N’y a-t-il aucun avantage à modifier la loi française ? Une constitution est beaucoup plus difficile à amender qu’une loi ordinaire, par exemple.
«C’est vrai, même si cela reste possible avec une majorité des deux tiers. Aux États-Unis, l’avortement est une question sur laquelle les deux partis politiques existants ont commencé à se profiler.
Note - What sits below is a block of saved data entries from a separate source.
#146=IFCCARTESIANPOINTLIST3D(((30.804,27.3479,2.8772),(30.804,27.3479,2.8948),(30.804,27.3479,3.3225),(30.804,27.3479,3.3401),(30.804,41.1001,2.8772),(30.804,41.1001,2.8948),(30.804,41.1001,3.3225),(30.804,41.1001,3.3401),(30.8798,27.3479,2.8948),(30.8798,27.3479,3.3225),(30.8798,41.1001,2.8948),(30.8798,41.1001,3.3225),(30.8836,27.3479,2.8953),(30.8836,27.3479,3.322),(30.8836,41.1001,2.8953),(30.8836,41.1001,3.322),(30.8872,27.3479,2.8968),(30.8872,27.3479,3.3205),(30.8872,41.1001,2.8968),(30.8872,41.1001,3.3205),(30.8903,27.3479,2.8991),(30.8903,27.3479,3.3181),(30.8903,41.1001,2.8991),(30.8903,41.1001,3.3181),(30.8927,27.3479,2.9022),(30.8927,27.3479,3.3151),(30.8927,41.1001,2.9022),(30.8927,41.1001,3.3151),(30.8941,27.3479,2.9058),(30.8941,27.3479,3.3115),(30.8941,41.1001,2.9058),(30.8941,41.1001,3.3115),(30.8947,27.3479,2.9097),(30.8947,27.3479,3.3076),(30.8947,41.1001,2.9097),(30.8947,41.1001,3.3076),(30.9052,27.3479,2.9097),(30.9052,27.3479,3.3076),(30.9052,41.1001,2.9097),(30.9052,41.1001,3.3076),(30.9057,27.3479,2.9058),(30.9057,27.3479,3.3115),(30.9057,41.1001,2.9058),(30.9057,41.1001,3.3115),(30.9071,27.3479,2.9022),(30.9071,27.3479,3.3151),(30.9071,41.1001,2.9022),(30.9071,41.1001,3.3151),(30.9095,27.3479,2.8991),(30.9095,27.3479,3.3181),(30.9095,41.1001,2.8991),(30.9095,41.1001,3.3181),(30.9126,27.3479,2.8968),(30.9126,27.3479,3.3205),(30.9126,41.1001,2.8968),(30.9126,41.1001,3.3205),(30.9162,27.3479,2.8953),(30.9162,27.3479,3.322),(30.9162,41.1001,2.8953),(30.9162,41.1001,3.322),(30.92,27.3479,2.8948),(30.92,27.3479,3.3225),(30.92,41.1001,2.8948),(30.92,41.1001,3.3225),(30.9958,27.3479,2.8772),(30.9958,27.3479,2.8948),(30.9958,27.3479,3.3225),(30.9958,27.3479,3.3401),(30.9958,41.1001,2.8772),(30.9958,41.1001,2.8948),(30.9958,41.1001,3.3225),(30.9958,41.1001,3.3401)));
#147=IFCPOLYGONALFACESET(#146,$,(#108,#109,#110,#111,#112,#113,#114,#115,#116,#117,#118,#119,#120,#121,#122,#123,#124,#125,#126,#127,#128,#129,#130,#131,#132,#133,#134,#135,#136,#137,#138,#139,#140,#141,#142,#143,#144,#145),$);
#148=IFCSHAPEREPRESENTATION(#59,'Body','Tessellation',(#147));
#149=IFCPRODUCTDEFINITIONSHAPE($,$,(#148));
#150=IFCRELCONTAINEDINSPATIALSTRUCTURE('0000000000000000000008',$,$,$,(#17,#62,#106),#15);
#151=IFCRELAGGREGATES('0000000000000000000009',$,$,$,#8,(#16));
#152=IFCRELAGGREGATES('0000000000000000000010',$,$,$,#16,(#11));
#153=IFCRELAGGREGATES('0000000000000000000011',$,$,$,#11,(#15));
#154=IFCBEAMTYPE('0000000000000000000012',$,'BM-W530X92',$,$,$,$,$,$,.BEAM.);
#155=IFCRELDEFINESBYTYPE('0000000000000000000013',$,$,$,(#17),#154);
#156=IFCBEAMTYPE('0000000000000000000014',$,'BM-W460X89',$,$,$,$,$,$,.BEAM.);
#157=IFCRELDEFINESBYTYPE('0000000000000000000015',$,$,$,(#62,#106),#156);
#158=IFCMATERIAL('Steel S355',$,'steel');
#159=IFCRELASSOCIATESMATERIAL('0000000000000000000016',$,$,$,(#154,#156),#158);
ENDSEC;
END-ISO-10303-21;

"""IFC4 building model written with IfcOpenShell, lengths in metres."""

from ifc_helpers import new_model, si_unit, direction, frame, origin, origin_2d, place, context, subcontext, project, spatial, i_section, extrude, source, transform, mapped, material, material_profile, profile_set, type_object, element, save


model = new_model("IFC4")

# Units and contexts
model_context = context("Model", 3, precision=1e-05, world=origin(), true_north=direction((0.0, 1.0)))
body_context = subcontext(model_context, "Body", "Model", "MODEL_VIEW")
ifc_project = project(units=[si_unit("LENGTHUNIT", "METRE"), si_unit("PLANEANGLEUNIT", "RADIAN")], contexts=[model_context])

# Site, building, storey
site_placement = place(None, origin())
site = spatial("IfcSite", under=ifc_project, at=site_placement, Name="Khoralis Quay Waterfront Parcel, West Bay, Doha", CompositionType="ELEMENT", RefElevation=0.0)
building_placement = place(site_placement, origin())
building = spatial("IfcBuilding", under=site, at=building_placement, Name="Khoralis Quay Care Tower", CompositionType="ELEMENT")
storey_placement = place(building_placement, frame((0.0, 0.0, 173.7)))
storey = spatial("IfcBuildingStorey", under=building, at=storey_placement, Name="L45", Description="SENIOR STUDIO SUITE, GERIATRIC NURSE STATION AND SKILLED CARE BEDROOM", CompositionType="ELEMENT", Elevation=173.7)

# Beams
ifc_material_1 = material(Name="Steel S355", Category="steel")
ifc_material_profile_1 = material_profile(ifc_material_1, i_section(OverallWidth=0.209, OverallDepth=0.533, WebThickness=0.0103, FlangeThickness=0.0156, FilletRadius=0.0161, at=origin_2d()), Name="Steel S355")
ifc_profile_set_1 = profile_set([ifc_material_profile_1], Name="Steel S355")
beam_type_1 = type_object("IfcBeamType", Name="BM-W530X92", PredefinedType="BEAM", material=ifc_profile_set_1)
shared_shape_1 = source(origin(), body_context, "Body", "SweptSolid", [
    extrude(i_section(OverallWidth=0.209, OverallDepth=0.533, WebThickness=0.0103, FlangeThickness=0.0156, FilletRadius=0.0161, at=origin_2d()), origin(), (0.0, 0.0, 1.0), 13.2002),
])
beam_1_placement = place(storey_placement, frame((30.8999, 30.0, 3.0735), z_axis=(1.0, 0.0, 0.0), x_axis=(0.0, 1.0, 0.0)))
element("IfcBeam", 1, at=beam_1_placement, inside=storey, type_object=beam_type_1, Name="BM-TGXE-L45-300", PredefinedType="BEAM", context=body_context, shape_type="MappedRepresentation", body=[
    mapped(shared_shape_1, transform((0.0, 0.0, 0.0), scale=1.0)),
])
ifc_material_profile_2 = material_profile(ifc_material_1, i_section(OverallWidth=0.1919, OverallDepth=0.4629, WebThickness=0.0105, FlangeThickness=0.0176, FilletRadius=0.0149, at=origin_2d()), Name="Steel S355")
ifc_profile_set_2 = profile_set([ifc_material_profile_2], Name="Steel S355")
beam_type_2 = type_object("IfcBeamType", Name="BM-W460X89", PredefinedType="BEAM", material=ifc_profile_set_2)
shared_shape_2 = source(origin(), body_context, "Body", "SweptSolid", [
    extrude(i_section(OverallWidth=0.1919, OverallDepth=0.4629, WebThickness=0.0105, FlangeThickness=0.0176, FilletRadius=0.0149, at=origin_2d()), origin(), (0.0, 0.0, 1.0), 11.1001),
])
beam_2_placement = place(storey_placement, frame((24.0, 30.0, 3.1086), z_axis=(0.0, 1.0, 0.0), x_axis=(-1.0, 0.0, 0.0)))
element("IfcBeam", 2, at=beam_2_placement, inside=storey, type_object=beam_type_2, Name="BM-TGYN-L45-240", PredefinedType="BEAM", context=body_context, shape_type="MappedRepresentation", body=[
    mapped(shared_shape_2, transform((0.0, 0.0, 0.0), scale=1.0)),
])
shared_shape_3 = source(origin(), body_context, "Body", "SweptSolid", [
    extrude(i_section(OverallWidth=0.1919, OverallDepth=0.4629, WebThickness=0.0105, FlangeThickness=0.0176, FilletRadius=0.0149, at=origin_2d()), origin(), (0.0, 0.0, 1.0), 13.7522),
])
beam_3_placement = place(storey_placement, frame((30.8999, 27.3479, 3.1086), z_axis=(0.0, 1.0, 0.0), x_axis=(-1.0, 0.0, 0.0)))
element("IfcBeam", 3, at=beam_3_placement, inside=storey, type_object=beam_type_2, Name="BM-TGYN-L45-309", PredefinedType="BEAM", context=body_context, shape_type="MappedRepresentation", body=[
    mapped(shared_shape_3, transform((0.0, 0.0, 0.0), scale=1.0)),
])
Il ne s’agit souvent pas de contenu, mais d’idéologie. En Belgique, je ne pense pas que le droit à l’avortement soit sous pression.
«De plus, nous avons déjà eu un changement de loi aussi symbolique en Belgique. Lorsque le droit à l’avortement a été introduit à l’origine, il s’agissait d’un ajout au droit pénal. L’avortement amniotique est devenu légal sous certaines conditions. En 2018, ces conditions ont été supprimées du droit pénal et placées dans une loi distincte. Nos clients ont également subi peu de conséquences dans la pratique.»
Le président français Emmanuel Macron est accusé d’utiliser cela principalement comme un joli coup de campagne pour les élections européennes. Y a-t-il quelque chose à cela ?
« Je pense que oui. En Belgique aussi, je doute que vous, en tant que décideur politique, devriez y consacrer votre temps. Nous disposons déjà d’une loi viable, mais son contenu doit être adapté. En faire un droit fondamental serait une belle cerise sur le gâteau, mais il faut d’abord que le gâteau soit cuit.»